You can pre-fill a replay buffer with trajectories from known high-reward terminal states by sampling backward from them and reversing:

```python
backward_sampler = Sampler(gflownet.pb)
backward_trajectories = backward_sampler.sample_trajectories(
    env, states=expert_states, is_backward=True
)
forward_trajectories = backward_trajectories.reverse_backward_trajectories()
replay_buffer.add(forward_trajectories)
```

This technique helps with exploration in environments with many modes that are hard to discover from scratch. The `reverse_backward_trajectories()` method on `Trajectories` handles flipping the trajectory direction.

**See:** `train_with_example_modes.py` (pre-fills with half the known ring graph modes).

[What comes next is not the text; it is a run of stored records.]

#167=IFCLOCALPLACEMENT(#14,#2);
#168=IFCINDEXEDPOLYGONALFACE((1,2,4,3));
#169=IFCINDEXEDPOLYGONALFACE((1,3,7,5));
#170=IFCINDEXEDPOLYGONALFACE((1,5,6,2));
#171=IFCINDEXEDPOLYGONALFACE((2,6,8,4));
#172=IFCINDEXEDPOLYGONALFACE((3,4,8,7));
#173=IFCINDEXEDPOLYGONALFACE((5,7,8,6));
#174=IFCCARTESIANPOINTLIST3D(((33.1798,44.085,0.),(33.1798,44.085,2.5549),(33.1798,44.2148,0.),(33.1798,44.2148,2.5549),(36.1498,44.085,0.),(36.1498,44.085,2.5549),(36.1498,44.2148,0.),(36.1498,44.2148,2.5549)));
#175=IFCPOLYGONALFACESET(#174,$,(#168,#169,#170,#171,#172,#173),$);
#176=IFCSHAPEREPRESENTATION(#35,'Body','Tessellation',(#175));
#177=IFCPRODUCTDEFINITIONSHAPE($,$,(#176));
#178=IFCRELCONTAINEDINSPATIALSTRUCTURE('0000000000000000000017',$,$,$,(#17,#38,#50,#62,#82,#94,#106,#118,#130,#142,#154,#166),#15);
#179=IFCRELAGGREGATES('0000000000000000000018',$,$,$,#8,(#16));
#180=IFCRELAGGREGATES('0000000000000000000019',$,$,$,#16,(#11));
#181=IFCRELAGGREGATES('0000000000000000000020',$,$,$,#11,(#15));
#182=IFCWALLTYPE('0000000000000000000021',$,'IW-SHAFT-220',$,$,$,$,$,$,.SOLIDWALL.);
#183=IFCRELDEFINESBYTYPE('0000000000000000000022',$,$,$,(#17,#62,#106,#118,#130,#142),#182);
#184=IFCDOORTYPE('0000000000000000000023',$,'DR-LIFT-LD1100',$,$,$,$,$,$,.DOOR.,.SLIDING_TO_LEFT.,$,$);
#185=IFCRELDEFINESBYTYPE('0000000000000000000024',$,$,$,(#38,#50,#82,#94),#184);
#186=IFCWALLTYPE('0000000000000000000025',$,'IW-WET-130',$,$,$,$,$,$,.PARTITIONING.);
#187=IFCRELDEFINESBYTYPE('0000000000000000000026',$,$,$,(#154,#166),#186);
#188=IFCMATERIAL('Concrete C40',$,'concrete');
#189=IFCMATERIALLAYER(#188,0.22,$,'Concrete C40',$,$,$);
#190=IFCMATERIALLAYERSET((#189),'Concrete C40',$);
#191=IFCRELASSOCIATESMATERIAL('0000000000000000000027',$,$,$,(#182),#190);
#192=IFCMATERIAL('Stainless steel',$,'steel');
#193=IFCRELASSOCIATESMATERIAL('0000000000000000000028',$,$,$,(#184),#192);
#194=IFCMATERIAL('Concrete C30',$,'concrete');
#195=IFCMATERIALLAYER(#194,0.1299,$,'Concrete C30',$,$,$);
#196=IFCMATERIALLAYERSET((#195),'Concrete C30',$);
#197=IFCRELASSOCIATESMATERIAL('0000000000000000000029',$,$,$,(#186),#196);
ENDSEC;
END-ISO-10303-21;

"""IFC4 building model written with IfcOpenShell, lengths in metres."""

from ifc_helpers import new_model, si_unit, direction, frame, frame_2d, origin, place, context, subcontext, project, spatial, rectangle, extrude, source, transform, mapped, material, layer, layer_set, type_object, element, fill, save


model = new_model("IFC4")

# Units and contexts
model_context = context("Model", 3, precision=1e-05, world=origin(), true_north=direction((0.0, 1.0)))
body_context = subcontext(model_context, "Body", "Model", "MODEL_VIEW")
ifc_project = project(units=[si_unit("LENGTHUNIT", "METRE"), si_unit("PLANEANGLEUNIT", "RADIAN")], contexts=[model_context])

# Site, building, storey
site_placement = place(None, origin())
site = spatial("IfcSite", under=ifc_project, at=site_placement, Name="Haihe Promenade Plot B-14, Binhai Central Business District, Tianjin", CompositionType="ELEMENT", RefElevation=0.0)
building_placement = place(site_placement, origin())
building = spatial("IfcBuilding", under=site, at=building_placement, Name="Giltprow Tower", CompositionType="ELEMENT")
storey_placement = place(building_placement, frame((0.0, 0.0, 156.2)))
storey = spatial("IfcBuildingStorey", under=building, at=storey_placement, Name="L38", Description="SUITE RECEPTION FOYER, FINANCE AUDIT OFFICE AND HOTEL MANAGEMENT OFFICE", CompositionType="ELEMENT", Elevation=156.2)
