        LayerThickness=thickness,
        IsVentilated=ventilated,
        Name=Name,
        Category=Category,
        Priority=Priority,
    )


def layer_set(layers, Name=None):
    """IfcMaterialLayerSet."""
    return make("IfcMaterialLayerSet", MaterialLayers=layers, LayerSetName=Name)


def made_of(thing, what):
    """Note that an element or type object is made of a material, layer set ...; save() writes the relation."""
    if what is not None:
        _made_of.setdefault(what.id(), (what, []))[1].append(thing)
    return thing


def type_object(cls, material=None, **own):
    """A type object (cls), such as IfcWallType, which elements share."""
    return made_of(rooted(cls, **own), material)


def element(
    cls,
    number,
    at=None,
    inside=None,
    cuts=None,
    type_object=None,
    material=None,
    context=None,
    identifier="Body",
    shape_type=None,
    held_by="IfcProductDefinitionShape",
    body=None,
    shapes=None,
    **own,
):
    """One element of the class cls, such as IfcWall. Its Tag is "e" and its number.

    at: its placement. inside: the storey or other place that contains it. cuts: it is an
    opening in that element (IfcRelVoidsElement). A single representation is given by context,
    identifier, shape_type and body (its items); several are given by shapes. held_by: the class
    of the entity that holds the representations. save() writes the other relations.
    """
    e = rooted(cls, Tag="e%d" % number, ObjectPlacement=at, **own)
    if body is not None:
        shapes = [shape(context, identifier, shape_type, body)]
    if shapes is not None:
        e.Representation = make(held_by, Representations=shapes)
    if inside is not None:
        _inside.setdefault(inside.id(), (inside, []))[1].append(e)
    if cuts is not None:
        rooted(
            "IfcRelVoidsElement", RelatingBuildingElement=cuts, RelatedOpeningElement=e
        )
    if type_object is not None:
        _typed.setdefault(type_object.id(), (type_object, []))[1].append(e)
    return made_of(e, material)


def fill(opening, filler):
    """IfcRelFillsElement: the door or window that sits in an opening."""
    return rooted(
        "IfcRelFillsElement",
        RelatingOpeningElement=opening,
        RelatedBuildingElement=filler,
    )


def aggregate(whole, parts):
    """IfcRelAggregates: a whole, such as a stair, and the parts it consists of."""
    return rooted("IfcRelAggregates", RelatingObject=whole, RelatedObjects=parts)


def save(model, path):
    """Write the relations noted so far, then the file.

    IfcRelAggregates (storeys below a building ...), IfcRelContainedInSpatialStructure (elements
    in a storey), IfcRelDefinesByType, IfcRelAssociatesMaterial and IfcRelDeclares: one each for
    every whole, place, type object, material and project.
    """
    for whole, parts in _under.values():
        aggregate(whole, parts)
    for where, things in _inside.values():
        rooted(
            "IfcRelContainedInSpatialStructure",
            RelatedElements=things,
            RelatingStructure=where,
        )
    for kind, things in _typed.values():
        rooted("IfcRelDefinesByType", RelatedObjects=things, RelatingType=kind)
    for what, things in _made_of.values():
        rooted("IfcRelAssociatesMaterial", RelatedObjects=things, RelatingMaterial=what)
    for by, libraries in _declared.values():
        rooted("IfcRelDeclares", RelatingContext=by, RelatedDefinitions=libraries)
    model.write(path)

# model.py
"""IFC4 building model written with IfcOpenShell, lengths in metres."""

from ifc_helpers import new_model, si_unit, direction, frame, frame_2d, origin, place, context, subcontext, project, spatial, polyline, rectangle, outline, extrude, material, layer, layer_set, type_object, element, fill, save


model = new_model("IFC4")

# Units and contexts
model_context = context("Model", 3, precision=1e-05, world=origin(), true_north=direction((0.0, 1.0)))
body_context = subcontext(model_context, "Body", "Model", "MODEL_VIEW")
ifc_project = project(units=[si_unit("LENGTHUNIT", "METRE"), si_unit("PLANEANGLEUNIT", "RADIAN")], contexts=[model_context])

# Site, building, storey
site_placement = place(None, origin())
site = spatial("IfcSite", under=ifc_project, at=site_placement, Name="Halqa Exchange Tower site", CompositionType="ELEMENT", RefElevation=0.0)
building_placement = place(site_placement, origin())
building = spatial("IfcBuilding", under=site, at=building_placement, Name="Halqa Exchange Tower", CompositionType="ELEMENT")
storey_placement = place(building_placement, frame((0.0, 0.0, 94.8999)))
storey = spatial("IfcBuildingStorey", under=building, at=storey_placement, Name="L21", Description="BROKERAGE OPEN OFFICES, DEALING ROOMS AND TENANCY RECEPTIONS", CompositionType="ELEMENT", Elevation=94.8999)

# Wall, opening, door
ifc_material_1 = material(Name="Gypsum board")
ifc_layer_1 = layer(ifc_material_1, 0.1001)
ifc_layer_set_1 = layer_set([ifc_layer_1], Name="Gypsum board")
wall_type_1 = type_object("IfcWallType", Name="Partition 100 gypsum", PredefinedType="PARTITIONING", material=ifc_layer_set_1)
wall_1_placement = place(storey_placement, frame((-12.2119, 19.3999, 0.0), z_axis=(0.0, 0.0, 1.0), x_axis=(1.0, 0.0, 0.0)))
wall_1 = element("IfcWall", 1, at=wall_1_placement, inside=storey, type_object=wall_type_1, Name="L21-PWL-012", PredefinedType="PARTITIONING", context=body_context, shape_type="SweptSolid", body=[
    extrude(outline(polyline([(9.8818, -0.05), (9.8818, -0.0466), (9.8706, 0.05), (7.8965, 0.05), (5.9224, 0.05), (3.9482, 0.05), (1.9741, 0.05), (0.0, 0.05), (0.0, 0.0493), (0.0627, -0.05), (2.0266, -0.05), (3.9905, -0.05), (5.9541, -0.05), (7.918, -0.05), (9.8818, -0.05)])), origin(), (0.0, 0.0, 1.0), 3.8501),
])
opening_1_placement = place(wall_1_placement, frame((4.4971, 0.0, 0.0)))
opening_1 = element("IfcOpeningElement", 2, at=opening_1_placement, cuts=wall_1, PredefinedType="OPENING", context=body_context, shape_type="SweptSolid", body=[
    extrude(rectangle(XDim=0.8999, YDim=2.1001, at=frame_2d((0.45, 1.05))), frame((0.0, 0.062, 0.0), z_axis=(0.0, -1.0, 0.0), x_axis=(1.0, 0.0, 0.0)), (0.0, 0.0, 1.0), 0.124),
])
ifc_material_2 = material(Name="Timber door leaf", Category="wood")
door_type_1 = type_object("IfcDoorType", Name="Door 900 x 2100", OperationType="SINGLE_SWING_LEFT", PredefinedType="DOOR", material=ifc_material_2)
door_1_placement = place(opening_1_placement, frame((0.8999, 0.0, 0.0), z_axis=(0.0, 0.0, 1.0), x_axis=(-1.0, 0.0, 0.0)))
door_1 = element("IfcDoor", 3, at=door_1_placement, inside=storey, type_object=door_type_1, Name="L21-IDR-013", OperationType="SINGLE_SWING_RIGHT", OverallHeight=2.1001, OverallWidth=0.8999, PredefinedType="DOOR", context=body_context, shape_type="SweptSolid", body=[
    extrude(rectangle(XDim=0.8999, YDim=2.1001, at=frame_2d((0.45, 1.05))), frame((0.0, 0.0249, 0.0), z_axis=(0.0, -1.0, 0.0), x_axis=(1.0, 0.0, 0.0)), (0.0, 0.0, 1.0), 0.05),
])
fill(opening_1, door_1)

## Mixing On-Policy and Off-Policy Data

A common pattern is to mix freshly sampled on-policy trajectories with replayed off-policy data in each training step:

```python
# Fresh on-policy batch
online_trajectories = gflownet.sample_trajectories(env, n=batch_size // 2)
replay_buffer.add(online_trajectories)

# Off-policy batch from buffer
buffer_trajectories = replay_buffer.sample(n=batch_size // 2)

# Compute loss on both (must recalculate since buffer data is off-policy)
all_trajectories = online_trajectories.extend(buffer_trajectories)
loss = gflownet.loss(env, training_samples, recalculate_all_logprobs=True)
```

**See:** `train_with_example_modes.py` (50/50 online + buffer mixing).